Like I did it on purpose.

"We're leaving," he announces, moving to collect the scattered contents of the black box. "Now. Together."

I watch in horror as he carefully places the severed hand back in its gift box, wrapping it up like some precious treasure. The nonchalant way he handles what's left of his own brother tells me everything I need to know about the monster standing before me.

"Where are we going?" I ask.

"Somewhere special," he says, tying the ribbon easily. "Somewhere no one will think to look for us. Somewhere we can start fresh, just you and me."

He moves toward me again, and I have to fight every instinct not to run. His hand settles on the small of my back, possessive and warm, and it takes everything I have not to shudder with revulsion.

"Come along, my sweet doe," he murmurs against my ear, his breath hot and nauseating. "Our adventure is just beginning."

I let him guide me toward the back of the church, my legs moving mechanically while my mind races.

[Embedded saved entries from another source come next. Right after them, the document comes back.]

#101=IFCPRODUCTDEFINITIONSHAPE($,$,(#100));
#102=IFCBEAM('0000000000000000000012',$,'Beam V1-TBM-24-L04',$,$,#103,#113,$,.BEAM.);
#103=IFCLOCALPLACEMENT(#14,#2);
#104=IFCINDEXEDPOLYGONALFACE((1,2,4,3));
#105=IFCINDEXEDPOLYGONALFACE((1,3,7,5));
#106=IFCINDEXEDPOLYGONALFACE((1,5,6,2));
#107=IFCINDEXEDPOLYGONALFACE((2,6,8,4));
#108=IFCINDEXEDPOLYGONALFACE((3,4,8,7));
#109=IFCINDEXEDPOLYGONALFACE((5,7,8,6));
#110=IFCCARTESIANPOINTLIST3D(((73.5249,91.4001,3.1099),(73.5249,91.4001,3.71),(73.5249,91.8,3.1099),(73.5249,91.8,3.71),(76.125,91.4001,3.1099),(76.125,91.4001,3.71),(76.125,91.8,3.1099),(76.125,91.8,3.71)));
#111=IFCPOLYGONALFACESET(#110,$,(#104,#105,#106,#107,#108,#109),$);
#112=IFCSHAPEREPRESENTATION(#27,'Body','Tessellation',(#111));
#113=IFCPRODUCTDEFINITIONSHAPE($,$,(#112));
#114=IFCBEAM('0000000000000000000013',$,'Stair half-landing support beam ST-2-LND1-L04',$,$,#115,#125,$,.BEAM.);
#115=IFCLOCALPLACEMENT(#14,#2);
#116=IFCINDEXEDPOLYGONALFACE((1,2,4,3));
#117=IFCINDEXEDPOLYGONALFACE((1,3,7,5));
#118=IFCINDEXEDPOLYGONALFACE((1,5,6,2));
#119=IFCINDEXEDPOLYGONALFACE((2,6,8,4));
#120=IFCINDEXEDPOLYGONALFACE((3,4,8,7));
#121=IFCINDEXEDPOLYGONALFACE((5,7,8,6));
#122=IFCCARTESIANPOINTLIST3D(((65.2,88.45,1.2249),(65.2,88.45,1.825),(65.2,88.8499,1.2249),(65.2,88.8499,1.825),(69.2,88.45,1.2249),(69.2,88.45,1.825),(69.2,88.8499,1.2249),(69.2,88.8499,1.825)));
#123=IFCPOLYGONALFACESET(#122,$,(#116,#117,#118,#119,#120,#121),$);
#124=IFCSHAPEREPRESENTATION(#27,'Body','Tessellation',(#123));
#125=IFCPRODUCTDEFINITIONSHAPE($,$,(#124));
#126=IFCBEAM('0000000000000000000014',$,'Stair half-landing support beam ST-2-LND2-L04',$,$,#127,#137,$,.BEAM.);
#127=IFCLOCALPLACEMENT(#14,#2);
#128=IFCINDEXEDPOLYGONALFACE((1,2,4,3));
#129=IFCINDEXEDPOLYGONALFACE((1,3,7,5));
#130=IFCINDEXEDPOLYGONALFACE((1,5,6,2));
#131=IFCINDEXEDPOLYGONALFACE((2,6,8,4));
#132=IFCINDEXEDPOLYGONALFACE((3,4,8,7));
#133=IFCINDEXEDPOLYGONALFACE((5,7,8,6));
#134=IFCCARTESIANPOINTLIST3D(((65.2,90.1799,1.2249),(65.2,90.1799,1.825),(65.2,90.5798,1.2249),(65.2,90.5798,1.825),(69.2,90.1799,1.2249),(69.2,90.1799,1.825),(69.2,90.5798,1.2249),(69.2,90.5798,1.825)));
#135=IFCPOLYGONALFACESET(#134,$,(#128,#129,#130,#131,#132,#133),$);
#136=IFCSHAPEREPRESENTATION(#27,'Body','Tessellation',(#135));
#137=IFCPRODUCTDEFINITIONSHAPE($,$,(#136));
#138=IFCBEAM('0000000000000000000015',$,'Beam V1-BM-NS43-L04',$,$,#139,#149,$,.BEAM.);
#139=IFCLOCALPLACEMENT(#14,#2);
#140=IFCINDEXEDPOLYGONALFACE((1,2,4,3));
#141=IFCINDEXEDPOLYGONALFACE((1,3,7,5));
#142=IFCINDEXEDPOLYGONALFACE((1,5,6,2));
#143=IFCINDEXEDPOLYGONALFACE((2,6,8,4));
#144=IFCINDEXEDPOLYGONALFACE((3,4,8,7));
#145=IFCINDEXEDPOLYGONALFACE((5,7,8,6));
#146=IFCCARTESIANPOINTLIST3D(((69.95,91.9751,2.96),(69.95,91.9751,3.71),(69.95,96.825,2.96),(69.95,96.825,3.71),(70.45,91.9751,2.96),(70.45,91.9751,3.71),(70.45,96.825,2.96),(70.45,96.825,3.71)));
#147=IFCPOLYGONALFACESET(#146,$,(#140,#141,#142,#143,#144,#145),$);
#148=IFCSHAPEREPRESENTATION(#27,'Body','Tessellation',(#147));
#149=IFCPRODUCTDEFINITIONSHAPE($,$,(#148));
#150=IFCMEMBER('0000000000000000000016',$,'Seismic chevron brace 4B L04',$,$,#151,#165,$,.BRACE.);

Deep down I know I'm not the same girl who walked into this church. That girl died along with Alex, somewhere in the snow outside.

But this version of me is not dead yet. And as long as I'm alive, I have a chance. A chance to escape. A chance to make him pay for what he's done.

I will survive. I have to.

The church doors close behind us, and I feel the grief settle in. The snow is still falling, soft and pristine, covering the world in a blanket. Somewhere out there, Alex's body is growing cold under that same snow.

But I'm still breathing. Still fighting.

And this psychopath has no idea who he’s dealing with.

Game over?

Not even close.

The real game is just beginning, and I will come out victorious.